JAQing off is a common tactic when distorting the truth, you should learn to identify it. Watch 2 mins of Tucker and it’s as clear as day.

> I don't care if you manage to run it at 3p per mile. If that offsets the extra 10-20k£ (bingo) and time wasted while charging (bingo), go for it.

I’m on a lease. No upfront cost. My time spent waiting to charge is 0 mins - I actually spend less time waiting than you wait filling up your ICE. It charges while I sleep. If you spend 5 minutes a week filling up that equates to 4 hours a year you are standing at a pump that I don’t have to.

> Just as long as I'm not subsidizing it

You wouldn’t like a world like that. We subsidise innovation all the time. And we would have to remove subsidies for fossil fuels too to be fair, which would be bad news all round since we still need it.

> your EV does not put me in danger, (bingo)

thoroughly debunked I think. No point in going over it again but it does appear on the bingo card.

> and nobody is forcing me to get one, and you pay for all the infrastructure that has to be fixed or upgraded due to increased EV usage. That includes: roads, parking garages made to carry double the weight of current ones(bingo),

Forced? Do what you like. Roads? Good news, they can use the same roads as normal cars!

Let’s look at weights to debunk your weight claim: https://www.admiral.com/magazine/guides/motor/electric-car-m...

> On average, an EV weighs 200-300kg more than a petrol car because of the weight of the battery and electric motors.

Let’s look at some car figures to compare: https://www.quora.com/Is-a-Tesla-heavier-than-an-ICE-car-of-... Tesla Model S - Curb weight 4,647 lbs Audi A8 - Curb weight 4,751 lbs BMW 7 series - Curb weight 4,244 - 4,848 lbs Tesla Model 3 - Curb weight 3,627 to 4,072 lbs Audi A4 - Curb weight 3,450 to 3,627 lbs BMW 3 series - 3,582 to 4,010 lbs

Looks like you’ll be banning German ICE vehicles from car parks too?
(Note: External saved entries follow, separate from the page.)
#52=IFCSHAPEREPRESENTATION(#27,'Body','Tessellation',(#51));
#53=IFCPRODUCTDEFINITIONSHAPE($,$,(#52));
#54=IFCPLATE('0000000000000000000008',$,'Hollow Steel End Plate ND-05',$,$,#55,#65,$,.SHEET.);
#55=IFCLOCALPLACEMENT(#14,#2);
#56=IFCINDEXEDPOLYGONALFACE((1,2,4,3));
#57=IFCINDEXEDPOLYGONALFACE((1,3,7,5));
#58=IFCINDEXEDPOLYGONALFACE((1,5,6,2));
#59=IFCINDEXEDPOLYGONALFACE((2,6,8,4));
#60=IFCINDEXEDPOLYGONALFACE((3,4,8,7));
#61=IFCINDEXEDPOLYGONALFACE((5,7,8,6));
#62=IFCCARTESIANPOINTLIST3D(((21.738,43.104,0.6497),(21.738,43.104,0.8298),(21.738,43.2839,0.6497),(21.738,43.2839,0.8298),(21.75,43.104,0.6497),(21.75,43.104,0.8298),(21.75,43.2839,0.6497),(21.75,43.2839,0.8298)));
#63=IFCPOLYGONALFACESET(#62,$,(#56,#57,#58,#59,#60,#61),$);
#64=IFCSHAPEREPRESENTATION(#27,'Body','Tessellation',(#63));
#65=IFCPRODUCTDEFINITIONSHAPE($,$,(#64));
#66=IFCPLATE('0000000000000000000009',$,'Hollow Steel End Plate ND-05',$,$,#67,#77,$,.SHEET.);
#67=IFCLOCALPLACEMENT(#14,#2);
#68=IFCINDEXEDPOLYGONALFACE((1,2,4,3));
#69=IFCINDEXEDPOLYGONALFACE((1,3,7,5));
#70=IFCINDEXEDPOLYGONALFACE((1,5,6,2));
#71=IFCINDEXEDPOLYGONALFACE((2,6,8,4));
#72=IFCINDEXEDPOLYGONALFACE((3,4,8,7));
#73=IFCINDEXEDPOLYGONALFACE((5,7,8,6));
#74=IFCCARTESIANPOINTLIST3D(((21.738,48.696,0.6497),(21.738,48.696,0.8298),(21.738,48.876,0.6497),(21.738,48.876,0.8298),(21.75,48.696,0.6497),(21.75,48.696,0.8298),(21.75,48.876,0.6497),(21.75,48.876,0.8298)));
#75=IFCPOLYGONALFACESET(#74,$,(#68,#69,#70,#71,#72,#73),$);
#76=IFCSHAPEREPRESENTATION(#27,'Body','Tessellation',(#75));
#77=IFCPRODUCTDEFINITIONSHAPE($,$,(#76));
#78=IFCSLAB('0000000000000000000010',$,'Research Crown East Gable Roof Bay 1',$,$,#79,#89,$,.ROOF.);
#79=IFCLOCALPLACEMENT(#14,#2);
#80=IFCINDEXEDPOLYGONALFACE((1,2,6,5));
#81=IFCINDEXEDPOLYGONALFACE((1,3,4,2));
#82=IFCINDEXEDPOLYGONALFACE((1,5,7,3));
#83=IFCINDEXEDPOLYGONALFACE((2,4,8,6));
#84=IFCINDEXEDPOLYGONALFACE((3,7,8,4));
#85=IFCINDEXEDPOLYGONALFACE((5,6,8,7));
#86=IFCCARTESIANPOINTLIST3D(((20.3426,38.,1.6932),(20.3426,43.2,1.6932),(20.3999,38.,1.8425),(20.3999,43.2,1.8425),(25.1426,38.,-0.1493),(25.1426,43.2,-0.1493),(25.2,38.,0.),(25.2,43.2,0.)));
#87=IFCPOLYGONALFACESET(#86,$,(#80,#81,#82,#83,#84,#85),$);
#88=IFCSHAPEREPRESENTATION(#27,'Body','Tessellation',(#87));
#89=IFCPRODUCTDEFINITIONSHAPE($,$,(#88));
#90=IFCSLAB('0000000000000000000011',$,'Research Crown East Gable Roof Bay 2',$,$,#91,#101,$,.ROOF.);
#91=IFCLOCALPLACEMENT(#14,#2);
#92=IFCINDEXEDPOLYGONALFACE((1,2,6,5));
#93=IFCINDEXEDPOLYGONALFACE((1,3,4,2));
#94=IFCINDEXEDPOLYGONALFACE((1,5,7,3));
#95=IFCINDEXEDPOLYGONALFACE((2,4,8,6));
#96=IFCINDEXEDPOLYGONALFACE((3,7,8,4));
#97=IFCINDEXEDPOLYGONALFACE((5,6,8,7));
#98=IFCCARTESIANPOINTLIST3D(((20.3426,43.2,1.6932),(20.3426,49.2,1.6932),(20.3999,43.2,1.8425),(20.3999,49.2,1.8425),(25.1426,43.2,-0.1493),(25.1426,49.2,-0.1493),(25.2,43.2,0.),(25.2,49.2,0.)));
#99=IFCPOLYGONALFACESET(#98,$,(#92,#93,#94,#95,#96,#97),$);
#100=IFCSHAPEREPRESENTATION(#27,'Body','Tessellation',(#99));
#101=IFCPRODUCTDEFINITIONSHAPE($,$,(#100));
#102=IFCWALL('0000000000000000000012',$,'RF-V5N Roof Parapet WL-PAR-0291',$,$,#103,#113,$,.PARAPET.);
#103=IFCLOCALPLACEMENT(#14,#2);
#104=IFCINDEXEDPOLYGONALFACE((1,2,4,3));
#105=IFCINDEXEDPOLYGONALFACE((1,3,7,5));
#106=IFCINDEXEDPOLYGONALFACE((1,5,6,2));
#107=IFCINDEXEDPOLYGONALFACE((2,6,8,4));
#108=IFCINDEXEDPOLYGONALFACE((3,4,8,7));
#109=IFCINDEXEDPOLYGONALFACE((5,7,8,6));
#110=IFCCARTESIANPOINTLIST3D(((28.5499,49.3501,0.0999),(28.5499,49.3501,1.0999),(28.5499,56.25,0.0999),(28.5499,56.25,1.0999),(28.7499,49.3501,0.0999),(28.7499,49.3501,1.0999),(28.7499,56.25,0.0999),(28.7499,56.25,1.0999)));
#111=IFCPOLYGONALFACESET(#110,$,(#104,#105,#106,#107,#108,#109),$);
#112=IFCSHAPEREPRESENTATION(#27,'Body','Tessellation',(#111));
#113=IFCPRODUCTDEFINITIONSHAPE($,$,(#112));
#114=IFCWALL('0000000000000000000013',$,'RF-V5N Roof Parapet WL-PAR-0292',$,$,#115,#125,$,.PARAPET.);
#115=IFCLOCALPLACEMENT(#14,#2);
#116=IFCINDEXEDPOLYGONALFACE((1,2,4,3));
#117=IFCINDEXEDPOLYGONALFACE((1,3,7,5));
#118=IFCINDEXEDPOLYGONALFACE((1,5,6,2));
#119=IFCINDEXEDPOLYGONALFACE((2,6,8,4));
> EV sales would be even more pathetic… EV sales ARE slowing

Slowing… by still rising as expected? The pace of growth is slowing. Just because you are accelerating less doesn’t mean you are slowing. The headlines would have you believe sales are going down.

> LONDON, Jan 11 (Reuters) - Global sales of fully electric and plug-in hybrid vehicles (PHEVs) rose 31% in 2023, down from 60% growth in 2022, according to market research firm Rho Motion.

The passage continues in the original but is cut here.